Heartbleed deixa mais de 50 milhões de dispositivos Android vulneráveis

Por Redação | 16.04.2014 às 09:10

Desde a última semana, a falha de segurança Heartbleed é destaque nos principais veículos de comunicação especializados em tecnologia. Ela já afetou grandes sites e diversos dispositivos ao redor do mundo, entre eles milhões de usuários finais de aparelhos Android.

O próprio Google já alertou que dispositivos rodando a versão 4.1.1 do sistema operacional móvel estavam vulneráveis a ataques relacionados ao Heartbleed capazes de roubar senhas, acessar o conteúdo de mensagens pessoais e outras informações privadas contidas na memória dos aparelhos.

Dados fornecidos por uma empresa de análise ao jornal britânico The Guardian indicam que cerca de 50 milhões de dispositivos Android estão vulneráveis – 4 milhões deles apenas nos Estados Unidos. O Google não confirma essa informação, embora tenha indicado que a quantidade é "inferior a 10%" de todos os dispositivos ativos em todo o mundo.

Já pesquisadores da empresa de segurança Lookout Mobile, que fornece software antivírus para smartphones com o sistema, disseram que algumas versões do Android 4.2.2 que foram personalizadas pelas operadoras ou fabricantes de hardware também podem estar suscetíveis à falha.

"Se você tem um dispositivo vulnerável e ainda não existe correção disponível para ele, você deve ser muito cauteloso em relação ao uso desse dispositivo para dados sensíveis", disse Marc Rogers, principal pesquisador da Lookout, ao site Arstechnica. "Eu tomaria cuidado ao usá-lo para serviços bancários ou envio de mensagens pessoais".

Quais são os riscos para dispositivos Android vulneráveis?

O cenário mais provável de ataque em um dispositivo Android vulnerável acontece quando o golpista atrai o usuário para um site malicioso onde é capaz de extrair os dados sensíveis que deseja, como login e senha de bancos, por exemplo. Trata-se de uma versão menos sofisticada de um ataque já conhecido, mas que também é mais fácil de ser executada e capaz de pescar qualquer conteúdo da memória dos dispositivos Android.

Felizmente, o sandbox de segurança do Android impede que um aplicativo malicioso acesse o conteúdo gravado na memória de outros aplicativos. Além disso, é importante lembrar que a maior parte dos aparelhos Android não está vulnerável. Porém, como também já sabemos, o Android é frequentemente personalizado por fabricantes específicos, o que possivelmente amplia a ameaça de vulnerabilidade para outras versões além da 4.1.1 e 4.2.2.
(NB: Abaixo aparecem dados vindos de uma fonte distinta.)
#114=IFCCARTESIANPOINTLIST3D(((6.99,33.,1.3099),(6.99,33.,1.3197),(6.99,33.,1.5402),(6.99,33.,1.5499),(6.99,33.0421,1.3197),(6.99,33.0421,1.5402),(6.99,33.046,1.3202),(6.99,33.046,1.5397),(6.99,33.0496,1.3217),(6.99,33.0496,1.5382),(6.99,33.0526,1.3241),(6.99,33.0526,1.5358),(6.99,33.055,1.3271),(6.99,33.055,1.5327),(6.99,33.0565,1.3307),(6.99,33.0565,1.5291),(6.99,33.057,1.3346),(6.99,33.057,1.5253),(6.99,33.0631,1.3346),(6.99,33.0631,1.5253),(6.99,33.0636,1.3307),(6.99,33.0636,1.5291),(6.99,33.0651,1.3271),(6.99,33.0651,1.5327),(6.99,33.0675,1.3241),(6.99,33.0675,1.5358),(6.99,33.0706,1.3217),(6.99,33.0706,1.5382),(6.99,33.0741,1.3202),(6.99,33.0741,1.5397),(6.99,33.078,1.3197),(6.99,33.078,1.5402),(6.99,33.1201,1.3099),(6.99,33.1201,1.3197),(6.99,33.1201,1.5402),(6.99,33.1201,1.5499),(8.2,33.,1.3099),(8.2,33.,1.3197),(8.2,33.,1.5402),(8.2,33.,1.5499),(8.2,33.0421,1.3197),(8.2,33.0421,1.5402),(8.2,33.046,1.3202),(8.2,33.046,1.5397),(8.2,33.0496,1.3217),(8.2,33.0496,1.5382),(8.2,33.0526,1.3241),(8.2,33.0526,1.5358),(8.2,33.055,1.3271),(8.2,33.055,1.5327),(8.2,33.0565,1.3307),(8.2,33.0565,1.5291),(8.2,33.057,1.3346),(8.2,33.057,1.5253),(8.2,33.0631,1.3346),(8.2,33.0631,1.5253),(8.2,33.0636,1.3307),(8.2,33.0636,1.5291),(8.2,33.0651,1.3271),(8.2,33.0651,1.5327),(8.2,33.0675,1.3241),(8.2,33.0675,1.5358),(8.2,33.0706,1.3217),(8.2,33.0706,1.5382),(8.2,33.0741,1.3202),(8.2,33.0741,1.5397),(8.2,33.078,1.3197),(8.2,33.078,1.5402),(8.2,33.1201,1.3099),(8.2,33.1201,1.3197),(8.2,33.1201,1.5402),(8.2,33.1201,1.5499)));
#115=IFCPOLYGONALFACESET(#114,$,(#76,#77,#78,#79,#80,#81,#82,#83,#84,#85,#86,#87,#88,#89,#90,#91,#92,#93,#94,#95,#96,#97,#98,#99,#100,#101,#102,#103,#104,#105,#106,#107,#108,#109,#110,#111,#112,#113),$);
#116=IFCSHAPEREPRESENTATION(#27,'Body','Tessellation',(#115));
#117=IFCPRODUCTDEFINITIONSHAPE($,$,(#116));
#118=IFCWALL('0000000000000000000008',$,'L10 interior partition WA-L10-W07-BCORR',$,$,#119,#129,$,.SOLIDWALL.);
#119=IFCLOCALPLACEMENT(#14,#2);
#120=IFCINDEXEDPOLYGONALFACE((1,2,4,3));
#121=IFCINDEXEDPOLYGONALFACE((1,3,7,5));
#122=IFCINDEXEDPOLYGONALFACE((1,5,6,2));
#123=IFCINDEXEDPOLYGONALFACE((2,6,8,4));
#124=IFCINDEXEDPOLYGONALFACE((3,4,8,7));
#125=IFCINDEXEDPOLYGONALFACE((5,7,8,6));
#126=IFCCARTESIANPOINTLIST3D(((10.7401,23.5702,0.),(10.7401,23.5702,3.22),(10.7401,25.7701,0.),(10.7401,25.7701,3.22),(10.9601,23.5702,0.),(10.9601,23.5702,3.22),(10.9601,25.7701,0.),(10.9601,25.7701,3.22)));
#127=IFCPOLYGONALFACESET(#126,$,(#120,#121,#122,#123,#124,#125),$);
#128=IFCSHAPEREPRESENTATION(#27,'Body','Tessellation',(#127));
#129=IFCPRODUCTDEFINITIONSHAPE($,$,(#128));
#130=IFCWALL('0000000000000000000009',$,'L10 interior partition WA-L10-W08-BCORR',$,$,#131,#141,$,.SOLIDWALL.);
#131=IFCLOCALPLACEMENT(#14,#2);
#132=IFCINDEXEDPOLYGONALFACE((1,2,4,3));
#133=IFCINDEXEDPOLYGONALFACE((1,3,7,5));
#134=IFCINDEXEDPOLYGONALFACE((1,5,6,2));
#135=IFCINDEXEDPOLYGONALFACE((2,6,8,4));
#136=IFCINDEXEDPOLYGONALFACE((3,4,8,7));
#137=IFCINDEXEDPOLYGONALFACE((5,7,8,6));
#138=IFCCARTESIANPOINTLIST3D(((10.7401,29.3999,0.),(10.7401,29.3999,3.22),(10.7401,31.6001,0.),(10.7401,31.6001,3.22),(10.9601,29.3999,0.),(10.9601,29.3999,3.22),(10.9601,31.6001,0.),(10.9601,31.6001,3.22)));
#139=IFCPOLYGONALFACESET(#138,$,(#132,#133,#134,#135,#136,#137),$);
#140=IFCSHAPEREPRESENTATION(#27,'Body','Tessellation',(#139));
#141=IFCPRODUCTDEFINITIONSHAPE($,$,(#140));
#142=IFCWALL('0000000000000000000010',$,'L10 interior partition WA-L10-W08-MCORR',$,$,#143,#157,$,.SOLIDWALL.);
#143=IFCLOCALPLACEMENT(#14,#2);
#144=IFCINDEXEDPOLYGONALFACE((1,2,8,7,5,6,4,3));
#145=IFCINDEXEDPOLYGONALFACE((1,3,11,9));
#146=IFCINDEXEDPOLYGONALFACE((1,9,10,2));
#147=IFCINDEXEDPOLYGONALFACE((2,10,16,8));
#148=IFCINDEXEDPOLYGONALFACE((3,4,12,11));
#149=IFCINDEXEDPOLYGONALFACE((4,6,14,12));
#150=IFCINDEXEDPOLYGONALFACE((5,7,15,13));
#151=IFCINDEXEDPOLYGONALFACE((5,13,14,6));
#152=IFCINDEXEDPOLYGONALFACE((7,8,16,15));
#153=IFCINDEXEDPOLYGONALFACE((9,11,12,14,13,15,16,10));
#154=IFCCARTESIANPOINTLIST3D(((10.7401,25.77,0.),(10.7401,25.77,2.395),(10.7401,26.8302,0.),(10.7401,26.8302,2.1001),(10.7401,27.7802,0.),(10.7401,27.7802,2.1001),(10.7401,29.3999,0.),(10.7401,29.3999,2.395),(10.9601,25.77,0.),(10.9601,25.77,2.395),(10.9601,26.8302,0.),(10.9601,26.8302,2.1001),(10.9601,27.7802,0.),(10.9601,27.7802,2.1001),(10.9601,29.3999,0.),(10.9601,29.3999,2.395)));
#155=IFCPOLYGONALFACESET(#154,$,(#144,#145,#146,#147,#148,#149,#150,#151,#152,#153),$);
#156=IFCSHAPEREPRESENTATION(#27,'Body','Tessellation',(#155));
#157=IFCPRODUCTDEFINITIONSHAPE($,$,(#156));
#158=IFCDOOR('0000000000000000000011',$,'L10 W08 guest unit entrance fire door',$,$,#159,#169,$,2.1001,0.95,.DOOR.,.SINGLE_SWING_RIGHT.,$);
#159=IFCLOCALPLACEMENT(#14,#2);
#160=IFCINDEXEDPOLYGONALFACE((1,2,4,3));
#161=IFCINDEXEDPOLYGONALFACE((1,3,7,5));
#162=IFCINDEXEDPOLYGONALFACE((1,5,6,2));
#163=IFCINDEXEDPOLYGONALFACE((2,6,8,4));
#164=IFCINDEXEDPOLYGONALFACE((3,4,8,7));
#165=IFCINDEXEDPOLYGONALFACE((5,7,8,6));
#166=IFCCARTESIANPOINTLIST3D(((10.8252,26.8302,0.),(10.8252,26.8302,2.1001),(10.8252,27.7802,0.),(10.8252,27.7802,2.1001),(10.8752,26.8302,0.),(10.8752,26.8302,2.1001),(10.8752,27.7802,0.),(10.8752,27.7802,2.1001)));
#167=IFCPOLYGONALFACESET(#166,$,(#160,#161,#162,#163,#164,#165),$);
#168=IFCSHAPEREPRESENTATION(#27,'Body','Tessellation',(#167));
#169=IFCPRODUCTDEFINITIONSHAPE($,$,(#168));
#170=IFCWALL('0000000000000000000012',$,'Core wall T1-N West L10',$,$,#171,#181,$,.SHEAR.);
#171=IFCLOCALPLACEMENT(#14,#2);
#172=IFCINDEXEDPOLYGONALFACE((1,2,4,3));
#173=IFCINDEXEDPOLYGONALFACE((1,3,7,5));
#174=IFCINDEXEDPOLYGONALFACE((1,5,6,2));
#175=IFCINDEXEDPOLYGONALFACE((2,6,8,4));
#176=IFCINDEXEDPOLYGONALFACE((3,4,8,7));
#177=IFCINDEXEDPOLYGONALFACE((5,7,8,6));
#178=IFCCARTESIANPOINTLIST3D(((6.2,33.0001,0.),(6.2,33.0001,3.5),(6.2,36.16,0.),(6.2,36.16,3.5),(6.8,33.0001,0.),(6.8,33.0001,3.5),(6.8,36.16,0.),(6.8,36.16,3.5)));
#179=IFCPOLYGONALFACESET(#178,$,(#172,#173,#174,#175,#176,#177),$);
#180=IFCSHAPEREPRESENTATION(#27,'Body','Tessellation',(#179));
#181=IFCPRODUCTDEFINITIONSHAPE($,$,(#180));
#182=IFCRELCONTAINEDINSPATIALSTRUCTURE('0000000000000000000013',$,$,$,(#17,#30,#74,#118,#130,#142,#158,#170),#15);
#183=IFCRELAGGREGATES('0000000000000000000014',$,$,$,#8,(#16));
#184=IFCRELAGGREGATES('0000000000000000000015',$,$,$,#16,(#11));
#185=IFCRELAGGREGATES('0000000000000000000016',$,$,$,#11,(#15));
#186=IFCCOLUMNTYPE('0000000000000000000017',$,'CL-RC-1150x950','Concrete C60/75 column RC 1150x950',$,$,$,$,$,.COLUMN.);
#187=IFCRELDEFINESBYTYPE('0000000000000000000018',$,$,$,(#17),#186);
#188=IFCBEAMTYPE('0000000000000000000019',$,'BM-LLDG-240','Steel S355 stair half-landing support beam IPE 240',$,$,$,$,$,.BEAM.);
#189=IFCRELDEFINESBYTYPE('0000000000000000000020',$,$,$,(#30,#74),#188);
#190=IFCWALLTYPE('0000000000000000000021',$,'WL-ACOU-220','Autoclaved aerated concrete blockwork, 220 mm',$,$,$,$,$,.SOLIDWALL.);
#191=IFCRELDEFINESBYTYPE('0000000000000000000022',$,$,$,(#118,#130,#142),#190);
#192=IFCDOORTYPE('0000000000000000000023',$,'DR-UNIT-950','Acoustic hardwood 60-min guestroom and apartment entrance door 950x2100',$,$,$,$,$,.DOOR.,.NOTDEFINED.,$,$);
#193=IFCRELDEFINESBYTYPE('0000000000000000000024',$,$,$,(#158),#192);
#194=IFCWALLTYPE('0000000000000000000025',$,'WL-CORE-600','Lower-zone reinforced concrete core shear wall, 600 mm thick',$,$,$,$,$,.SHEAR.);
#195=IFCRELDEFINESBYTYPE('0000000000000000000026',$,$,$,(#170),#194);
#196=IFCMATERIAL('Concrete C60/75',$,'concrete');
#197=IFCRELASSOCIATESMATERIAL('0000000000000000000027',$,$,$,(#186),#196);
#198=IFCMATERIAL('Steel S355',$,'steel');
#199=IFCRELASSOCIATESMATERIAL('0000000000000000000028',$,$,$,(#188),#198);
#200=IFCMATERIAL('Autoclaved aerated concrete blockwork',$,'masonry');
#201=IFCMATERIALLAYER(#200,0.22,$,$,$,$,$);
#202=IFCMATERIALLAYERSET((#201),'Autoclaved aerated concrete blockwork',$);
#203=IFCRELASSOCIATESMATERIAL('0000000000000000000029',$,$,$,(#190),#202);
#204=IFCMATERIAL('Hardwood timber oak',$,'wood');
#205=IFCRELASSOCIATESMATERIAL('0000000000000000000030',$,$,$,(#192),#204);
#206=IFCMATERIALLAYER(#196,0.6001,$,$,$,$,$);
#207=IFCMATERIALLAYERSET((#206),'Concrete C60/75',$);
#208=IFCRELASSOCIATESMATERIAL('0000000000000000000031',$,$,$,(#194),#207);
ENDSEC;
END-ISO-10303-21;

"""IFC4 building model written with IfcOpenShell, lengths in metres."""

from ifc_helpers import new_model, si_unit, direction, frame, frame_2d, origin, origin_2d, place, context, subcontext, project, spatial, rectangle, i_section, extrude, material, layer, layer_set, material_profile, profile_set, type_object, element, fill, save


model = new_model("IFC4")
O Google afirma que está trabalhando com parceiros para implantar um patch capaz de resolver o problema do Heartbleed, mas, por outro lado, milhões de usuários nunca (ou raramente) instalam as atualizações de segurança disponibilizadas pelas empresas.

Outra possível ameaça aos aparelhos vulneráveis está na exploração realizada via rede Wi-Fi, onde os golpistas utilizam a conexão com a internet para induzir o usuário a se conectar a um site falso, onde pode facilmente capturar seus dados.
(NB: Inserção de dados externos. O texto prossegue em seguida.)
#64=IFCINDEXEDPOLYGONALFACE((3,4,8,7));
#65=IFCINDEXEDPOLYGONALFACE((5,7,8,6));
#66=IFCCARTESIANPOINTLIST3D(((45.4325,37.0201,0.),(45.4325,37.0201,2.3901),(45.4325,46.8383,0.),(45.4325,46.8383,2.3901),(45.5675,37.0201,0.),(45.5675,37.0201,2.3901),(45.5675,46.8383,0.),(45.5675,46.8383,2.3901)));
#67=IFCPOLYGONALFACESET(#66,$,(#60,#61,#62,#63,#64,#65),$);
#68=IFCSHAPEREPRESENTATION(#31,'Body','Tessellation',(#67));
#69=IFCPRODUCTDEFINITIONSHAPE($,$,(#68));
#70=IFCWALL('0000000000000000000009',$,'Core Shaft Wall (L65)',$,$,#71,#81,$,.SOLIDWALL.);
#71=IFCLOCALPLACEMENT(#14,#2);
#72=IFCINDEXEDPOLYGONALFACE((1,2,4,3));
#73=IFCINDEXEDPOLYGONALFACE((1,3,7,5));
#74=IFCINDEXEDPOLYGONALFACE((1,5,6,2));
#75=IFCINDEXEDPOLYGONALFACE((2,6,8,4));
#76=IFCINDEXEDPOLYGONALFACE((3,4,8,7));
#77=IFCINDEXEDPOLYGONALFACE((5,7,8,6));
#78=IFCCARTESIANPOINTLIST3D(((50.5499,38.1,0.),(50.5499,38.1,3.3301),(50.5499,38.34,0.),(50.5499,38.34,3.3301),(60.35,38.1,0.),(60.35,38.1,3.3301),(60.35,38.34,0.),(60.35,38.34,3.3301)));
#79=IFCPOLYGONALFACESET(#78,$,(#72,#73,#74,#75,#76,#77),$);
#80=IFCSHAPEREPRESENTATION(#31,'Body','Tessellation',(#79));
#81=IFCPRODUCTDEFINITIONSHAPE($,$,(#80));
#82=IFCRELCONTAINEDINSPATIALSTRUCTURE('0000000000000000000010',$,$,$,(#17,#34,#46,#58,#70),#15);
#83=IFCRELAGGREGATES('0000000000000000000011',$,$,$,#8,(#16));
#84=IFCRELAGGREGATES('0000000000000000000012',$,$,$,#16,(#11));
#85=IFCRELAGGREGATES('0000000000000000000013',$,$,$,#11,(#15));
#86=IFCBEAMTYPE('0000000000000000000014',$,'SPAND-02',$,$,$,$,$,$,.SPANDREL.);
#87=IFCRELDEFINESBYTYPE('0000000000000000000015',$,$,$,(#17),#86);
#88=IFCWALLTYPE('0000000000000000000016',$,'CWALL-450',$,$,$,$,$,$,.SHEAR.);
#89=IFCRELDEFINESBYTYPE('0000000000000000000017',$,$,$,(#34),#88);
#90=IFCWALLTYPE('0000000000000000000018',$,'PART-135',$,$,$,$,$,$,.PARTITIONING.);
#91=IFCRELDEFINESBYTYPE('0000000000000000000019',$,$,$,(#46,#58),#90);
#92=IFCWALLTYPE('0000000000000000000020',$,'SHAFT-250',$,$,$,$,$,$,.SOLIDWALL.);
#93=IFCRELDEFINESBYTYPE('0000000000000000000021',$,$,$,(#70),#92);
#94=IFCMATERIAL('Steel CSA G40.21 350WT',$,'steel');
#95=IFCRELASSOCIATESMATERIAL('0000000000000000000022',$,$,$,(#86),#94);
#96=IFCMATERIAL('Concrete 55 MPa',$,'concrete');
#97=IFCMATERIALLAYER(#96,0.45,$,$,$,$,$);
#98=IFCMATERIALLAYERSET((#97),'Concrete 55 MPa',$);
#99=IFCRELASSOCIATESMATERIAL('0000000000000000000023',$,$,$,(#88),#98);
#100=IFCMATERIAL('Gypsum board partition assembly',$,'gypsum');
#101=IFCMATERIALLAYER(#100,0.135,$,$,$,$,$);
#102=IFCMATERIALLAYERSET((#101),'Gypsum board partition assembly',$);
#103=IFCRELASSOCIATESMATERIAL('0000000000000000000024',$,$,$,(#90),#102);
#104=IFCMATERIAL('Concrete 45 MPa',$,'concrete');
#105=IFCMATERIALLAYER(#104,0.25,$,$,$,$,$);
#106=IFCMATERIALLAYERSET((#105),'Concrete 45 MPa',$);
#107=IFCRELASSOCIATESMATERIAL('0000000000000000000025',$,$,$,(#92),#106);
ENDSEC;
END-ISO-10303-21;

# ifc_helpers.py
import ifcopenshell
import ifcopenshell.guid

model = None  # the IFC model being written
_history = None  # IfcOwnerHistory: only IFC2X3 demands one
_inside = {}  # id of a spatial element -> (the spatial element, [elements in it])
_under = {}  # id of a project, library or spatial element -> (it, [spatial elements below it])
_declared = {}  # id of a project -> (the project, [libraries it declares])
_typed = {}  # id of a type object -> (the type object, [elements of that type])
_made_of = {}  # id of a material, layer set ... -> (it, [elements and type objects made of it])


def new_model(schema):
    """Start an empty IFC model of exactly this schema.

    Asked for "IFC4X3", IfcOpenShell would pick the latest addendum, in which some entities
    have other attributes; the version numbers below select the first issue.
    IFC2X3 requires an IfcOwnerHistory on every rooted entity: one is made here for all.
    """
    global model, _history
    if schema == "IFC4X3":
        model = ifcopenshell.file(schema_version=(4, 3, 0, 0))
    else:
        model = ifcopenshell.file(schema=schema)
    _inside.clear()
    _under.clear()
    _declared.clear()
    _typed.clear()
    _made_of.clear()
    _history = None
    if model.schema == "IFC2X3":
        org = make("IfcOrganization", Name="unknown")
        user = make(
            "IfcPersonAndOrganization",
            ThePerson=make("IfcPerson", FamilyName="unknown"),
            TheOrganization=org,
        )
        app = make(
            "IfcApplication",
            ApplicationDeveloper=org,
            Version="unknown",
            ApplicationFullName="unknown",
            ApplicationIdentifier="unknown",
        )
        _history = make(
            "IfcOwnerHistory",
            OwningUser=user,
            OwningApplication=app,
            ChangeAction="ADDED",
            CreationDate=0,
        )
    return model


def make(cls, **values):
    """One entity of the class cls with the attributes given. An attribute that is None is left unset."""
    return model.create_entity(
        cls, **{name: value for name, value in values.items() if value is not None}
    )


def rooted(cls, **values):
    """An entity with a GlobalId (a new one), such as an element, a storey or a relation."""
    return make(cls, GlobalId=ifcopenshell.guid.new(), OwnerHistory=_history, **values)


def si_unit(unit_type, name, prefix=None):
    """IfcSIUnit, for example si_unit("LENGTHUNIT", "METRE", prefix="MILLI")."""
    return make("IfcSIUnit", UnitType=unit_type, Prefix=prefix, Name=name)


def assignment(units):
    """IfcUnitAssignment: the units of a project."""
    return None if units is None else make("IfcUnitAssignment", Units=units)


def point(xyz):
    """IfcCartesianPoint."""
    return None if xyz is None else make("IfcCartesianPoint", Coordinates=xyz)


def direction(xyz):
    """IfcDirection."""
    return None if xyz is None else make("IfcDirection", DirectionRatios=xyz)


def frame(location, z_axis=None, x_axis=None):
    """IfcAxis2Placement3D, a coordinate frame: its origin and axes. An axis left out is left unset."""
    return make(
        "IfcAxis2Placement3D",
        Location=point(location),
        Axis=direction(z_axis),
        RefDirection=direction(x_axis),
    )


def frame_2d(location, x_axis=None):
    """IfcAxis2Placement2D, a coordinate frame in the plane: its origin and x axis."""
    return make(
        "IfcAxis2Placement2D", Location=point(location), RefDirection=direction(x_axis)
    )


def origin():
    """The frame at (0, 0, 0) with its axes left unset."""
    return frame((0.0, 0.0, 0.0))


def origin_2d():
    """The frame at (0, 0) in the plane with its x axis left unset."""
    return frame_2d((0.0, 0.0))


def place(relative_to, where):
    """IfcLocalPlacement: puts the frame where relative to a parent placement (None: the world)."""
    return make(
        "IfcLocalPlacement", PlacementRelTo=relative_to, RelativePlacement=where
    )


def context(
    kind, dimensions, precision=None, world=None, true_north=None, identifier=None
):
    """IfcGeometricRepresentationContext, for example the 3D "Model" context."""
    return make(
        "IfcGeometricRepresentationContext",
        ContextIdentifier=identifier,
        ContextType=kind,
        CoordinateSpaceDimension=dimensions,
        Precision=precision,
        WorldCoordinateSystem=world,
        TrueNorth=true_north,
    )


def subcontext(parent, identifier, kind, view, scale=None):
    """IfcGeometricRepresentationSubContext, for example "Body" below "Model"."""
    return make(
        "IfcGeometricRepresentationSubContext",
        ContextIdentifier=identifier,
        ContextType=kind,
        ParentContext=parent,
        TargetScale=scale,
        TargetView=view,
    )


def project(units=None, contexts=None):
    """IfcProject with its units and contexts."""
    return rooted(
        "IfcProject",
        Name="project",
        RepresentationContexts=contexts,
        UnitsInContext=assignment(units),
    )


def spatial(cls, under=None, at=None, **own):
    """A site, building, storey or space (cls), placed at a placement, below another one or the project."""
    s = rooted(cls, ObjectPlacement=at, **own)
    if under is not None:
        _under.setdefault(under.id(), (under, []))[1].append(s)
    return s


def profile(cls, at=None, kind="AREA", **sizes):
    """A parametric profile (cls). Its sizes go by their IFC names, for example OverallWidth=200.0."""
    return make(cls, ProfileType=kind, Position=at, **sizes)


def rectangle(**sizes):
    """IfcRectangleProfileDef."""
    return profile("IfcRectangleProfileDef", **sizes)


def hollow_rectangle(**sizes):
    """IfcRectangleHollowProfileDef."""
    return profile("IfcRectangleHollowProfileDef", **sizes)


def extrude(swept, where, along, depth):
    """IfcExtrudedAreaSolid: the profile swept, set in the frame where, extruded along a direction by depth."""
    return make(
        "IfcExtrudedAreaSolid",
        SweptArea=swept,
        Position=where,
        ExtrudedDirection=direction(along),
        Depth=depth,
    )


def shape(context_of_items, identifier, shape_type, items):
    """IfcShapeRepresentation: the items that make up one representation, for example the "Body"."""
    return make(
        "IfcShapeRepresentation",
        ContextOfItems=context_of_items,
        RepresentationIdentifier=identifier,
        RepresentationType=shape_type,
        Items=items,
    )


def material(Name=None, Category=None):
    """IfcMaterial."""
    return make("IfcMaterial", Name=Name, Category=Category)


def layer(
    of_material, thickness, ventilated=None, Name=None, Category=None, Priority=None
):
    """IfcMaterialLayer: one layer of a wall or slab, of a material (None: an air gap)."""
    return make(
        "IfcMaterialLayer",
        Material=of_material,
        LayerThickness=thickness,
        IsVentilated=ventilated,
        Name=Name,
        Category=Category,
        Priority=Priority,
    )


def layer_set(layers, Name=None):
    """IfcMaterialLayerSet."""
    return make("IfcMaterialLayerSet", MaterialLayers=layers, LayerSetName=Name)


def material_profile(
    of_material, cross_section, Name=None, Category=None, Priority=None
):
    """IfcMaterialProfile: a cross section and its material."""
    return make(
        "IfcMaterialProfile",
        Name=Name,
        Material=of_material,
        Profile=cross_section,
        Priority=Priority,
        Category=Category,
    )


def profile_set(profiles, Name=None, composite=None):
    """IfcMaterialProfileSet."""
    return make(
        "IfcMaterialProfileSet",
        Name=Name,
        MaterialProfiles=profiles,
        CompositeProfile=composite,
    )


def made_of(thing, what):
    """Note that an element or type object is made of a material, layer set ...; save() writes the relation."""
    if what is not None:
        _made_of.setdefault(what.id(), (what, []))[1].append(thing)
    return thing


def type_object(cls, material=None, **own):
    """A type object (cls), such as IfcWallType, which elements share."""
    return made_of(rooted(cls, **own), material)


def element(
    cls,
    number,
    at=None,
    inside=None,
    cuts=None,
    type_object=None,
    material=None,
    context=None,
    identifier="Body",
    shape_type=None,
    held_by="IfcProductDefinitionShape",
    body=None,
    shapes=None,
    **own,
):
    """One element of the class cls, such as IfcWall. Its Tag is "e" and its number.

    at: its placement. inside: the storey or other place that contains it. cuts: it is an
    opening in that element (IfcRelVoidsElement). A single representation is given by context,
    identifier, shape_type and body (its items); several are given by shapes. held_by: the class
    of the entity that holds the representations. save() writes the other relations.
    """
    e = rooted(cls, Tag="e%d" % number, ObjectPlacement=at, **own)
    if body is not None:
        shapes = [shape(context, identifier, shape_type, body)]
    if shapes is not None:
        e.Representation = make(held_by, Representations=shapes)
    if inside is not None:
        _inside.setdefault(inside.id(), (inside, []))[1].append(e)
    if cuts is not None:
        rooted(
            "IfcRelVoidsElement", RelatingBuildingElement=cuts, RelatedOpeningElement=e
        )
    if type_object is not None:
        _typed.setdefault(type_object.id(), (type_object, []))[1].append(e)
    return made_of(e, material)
Como você pode se proteger?

  • É importante ficar atento aos comunicados emitidos pelas empresas dos serviços que você utiliza. À medida que elas corrigem vulnerabilidades relacionadas ao Heartbleed e aumentam a proteção de seus sistemas, elas costumam enviar e-mails ou comunicados à imprensa para informar seus clientes;
  • Altere as suas senhas. Se receber comunicados de qualquer fornecedor de serviços avisando que seu sistema está protegido, esta é a melhor hora para alterar as suas senhas. Alterá-las antes de um sistema ter sido protegido pode, na verdade, tornar a sua nova senha mais fácil de ser interceptada;
  • Baixe o detector de Heartbleed. A própria empresa de segurança Lookout disponibiliza um aplicativo gratuito capaz de mostrar se o seu sistema operacional Android foi afetado pelo bug e se o comportamento vulnerável está presente. O app está disponível na Play Store.